A simple vista, separamos el mes en dos partes. Durante la primera mitad, el principal catalizador fue sin dudas el blanqueo, que superó incluso las estimaciones más optimistas. Por ello, el gobierno decidió extender un mes más el periodo para regularizar efectivo. Los depósitos en dólares del sector privado treparon a US$ 31.445 millones al 30 de septiembre y están a poco de superar el máximo de la era Macri. 

Por otro lado, la decisión del FMI de reemplazar a Rodrigo Valdés, señalado por Milei como un obstáculo en la relación con Argentina fue la noticia más relevante para la deuda en la última quincena de septiembre. 

Con la incorporación del venezolano Luis Cubeddu, se espera que las conversaciones fluyan mejor. 


  • Desde este anuncio (11 de septiembre), el tramo largo de la curva de bonos soberanos alcanzó (e incluso superó) el desempeño previo de los bonos más cortos. 
  • La pregunta clave es si esta tendencia alcista de la deuda continuará. 
  • A priori, octubre se presenta más desafiante.
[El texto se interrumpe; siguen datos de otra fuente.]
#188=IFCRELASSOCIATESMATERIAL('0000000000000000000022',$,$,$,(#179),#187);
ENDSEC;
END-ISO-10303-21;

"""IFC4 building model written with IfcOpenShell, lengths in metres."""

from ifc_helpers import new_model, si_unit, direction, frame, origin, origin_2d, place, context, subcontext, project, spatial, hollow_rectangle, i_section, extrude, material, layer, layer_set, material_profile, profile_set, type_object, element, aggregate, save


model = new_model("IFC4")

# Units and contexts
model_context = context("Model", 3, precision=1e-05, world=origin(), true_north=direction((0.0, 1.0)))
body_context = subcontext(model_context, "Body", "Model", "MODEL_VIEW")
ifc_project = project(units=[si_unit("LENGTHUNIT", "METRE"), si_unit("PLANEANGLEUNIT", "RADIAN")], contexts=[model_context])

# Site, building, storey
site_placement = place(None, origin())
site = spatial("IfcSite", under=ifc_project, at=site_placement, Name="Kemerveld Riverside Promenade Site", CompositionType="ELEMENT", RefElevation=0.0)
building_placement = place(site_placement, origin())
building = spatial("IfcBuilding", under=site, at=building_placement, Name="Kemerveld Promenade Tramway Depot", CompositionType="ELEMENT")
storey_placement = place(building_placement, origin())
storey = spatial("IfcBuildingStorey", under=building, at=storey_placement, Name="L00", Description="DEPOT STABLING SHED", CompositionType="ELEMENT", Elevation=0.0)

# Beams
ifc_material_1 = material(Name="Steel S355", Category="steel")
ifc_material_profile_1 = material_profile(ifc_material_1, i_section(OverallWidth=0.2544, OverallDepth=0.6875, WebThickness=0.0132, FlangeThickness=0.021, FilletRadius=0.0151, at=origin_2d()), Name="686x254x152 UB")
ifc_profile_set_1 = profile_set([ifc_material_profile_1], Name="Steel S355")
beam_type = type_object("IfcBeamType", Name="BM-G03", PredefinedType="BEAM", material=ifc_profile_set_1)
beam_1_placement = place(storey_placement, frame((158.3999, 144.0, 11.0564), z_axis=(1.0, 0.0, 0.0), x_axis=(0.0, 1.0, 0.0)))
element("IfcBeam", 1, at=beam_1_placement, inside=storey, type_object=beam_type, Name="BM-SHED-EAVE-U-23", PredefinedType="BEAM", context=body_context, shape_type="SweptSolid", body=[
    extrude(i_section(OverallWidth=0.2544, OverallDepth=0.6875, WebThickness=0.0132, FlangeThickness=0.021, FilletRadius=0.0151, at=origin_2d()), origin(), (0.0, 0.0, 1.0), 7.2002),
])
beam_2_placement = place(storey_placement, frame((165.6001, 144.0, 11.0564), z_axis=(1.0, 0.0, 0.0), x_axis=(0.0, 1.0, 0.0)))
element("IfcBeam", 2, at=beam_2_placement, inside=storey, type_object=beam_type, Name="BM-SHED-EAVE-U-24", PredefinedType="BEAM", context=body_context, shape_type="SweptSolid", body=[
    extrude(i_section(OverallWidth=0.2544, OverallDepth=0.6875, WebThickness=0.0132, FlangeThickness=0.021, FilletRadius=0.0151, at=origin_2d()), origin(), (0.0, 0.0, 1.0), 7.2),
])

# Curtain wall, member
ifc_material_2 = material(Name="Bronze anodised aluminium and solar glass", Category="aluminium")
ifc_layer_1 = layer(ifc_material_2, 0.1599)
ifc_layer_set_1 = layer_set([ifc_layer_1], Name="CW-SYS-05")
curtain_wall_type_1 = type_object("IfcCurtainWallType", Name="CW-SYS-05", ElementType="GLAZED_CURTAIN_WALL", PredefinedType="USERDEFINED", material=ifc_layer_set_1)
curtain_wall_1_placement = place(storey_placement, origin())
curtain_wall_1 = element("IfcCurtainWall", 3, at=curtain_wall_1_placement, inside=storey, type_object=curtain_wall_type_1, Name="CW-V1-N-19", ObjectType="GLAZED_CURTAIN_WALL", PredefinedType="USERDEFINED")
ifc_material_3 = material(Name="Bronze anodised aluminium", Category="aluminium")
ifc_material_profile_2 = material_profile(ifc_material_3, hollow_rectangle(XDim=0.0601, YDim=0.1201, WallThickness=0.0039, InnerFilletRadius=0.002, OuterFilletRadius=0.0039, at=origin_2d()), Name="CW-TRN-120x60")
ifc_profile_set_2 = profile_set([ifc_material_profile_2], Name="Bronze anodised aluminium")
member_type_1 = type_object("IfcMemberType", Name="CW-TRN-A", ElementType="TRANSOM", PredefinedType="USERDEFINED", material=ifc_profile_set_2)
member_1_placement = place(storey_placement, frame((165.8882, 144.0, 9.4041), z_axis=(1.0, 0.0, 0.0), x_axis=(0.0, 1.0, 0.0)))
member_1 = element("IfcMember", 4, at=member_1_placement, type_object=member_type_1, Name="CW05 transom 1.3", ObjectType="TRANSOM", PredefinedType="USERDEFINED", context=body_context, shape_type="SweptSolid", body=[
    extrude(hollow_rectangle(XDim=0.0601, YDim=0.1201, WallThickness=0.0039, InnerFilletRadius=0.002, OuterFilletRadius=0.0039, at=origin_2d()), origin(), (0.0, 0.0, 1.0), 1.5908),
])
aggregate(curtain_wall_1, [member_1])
Entre los asuntos que el mercado observará está la evolución del blanqueo. ¿Será esta la ocasión en que las segundas partes sí sean buenas? 

Por otro lado, la perspectiva de las Reservas Internacionales también se presenta como un factor clave. El blanqueo le dará liquidez al Central, pero no engrosará las reservas netas. Por otro lado, en la última semana trascendió que el FMI estaría evaluando reducir los sobrecargos de tasa sobre la deuda que tenemos con el organismo. 

De concretarse, el ahorro estimado sería de US$1.260 millones en 2025 (de US$ 3.300 a US$ 2.000 millones). No es un dato menor en un contexto donde los dólares escasean en las reservas netas del BCRA. 

La evolución de estos frentes será clave. 



Por otro lado, la dinámica de la Cuenta Corriente comienza a generar preocupaciones, en el contexto donde el esquema de pagos de importaciones se acelerará en octubre producto del devengamiento de septiembre y agosto. 

Si añadimos el hecho de que la inflación muestra signos de inercia y resulta difícil prever que se sitúe por debajo del 3% próximamente, la calma cambiaria podría revertirse, activando el alza de los dólares financieros. 

Por ahora, el equilibrio es fino, pero el momentum juega a favor del Gobierno.